Raymond James has reduced its 12-month price target on Northern Oil and Gas (NYSE: NOG) to $32.00 from $33.00, while continuing to carry a Strong Buy recommendation on the shares. The firm attributed the modest cut to a weaker commodity strip since its prior publication, but said the change does not alter its constructive view on Northern’s long-term prospects.

Current market view and valuation signals

Northern shares were noted to be trading at $23.45 at the time of the firm’s assessment. Raymond James highlighted valuation metrics for fiscal year 2026 showing an approximate 3.3x EV/EBITDA multiple and a free cash flow to enterprise value yield of about 7%. The stock also yields an indicated 7.7% dividend and trades at a price-to-earnings ratio of 12.9. InvestingPro Fair Value estimates were cited as suggesting the shares look undervalued, and analyst targets on the stock span a range from $24 to $40.

Production and capital assumptions

On operating assumptions, Raymond James trimmed its fourth-quarter 2025 oil production estimate to the midpoint of company guidance at roughly 75 Mbbl/d, down from a prior higher-end estimate of 78 Mbbl/d. The firm noted that a December pullback in oil prices likely prompted some deferrals in activity, particularly among private operators, which influenced the downward revision.
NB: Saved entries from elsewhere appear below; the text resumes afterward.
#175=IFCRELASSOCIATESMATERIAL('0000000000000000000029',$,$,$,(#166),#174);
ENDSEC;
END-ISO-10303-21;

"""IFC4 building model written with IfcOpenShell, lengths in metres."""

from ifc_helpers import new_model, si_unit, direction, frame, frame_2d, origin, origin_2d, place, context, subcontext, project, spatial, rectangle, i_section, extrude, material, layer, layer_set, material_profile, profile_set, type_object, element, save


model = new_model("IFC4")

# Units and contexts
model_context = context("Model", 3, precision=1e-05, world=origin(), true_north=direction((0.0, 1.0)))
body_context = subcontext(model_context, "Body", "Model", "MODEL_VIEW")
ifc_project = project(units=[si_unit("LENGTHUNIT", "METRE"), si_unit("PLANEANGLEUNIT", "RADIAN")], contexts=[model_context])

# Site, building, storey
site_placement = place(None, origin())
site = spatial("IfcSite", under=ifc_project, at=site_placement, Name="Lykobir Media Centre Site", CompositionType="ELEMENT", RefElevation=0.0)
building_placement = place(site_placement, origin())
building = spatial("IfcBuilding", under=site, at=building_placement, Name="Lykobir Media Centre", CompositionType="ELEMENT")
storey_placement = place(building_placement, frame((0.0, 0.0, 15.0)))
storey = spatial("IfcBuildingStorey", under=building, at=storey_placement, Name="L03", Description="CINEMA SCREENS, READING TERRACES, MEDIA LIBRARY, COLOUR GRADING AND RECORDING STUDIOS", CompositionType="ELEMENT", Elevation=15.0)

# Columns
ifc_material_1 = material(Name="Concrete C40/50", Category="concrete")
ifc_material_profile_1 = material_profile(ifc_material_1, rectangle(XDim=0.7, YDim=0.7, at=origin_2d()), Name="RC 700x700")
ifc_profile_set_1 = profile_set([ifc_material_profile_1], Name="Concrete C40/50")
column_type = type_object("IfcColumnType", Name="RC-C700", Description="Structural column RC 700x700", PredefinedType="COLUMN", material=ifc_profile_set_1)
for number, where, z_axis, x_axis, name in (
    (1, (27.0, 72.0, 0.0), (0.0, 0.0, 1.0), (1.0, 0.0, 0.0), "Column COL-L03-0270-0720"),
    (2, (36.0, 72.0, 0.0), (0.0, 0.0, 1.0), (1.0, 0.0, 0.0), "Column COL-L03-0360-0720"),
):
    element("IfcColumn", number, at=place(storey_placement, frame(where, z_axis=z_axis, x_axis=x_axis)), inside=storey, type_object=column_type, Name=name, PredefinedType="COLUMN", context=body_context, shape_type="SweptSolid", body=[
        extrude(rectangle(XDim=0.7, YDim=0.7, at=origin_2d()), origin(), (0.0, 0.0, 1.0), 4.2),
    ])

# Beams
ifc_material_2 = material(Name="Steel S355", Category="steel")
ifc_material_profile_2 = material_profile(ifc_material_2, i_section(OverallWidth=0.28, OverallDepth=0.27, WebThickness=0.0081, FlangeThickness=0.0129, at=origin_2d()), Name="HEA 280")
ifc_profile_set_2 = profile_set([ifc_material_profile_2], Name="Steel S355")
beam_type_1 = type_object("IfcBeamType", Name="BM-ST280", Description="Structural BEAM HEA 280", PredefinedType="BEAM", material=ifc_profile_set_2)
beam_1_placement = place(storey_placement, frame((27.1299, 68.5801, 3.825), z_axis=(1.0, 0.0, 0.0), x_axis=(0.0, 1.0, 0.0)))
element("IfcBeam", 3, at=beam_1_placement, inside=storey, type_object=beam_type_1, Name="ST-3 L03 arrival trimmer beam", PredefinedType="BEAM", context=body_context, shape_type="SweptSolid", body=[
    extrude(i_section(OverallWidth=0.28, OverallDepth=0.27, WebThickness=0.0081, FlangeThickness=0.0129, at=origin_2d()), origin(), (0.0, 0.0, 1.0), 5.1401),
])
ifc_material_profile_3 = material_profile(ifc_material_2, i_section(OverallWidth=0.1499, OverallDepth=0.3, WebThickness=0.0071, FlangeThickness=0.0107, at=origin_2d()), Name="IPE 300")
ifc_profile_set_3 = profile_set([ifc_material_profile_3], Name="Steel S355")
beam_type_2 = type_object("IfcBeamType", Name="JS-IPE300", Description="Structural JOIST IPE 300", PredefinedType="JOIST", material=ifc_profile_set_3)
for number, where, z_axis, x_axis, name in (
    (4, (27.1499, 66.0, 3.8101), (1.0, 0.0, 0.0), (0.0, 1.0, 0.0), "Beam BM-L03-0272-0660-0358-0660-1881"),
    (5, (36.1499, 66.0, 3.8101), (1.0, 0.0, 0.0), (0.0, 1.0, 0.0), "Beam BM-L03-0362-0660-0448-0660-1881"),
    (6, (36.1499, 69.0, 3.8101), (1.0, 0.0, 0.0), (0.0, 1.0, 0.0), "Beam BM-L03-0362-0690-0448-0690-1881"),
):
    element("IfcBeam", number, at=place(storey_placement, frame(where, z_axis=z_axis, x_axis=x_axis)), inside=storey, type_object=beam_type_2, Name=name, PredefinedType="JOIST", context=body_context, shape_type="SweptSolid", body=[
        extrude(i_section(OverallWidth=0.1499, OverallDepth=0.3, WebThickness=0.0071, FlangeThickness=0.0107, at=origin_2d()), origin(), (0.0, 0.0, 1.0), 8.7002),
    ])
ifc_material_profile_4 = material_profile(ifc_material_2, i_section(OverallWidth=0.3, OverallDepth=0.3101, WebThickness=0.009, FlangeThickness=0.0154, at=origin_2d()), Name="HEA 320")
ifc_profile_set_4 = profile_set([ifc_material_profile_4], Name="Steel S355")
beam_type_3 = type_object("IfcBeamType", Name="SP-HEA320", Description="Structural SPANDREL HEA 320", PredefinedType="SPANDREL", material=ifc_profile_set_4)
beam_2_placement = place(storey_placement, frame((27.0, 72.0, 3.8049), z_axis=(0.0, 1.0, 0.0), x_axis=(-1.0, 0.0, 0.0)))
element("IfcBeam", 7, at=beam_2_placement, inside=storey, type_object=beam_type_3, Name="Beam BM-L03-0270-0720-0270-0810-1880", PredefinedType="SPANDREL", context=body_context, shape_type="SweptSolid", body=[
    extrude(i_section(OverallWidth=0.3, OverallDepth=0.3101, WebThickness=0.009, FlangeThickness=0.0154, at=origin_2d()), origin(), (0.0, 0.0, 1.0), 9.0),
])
For fiscal year 2026, Raymond James projects oil production of about 77.5 Mbbl/d, which it says is roughly 2% above the Street consensus of 76 Mbbl/d. Its FY26 capital expenditure forecast remains at $1.07 billion, broadly in line with consensus expectations.

Acquisition update and hedging

Raymond James reiterated that Northern’s acquisition of Utica assets is still expected to close in late first quarter 2026. The company previously announced a definitive agreement to acquire a 49% interest in Ohio Utica Shale assets for $588 million in cash, part of a larger $1.2 billion transaction that includes upstream assets and midstream infrastructure. Following the joint acquisition, Northern has materially expanded its natural gas hedging positions.

Recent financial performance

Northern reported third-quarter 2025 results that exceeded analyst expectations. The company posted earnings per share of $1.03 versus an expected $0.92, and reported revenue of $556.64 million compared with forecasts near $521.83 million.

Other analyst moves

Separately, Mizuho lowered its price target for Northern to $29.00 from $30.00 and maintained a Neutral rating, citing wider natural gas differentials as a factor.

Market context and corporate profile

Raymond James flagged Northern’s market capitalization at $2.28 billion in its research notes and noted that the company has raised its dividend for five consecutive years, an insight included in InvestingPro’s Pro Research Report on the name. The combination of yield, recent outperformance versus estimates, and the planned Utica transaction are central to current analyst coverage and positioning.


Conclusion

The analyst adjustment reduces the near-term price target marginally but leaves the Strong Buy stance intact, reflecting a view that the recent commodity price softness and related operational deferrals have tempered near-term growth assumptions without undermining longer-term fundamentals as assessed by Raymond James. Other broker action, including Mizuho’s small target reduction and Neutral stance amid gas differentials, underscores continued attention to commodity-driven risks and the implications of the Utica deal and expanded hedging for Northern’s cash flow profile.

Risks

  • Weaker commodity strip prices have prompted downward revisions to near-term targets and estimates, affecting energy company revenues and valuations - impacting the oil and gas sector and capital markets.
  • December oil price weakness likely led to deferrals, particularly among private operators, creating near-term uncertainty around production volumes - affecting upstream producers and service providers.
  • Wider natural gas differentials influenced analyst target reductions and underscore pricing risk that can affect cash flow and hedging effectiveness - impacting natural gas producers and midstream operators.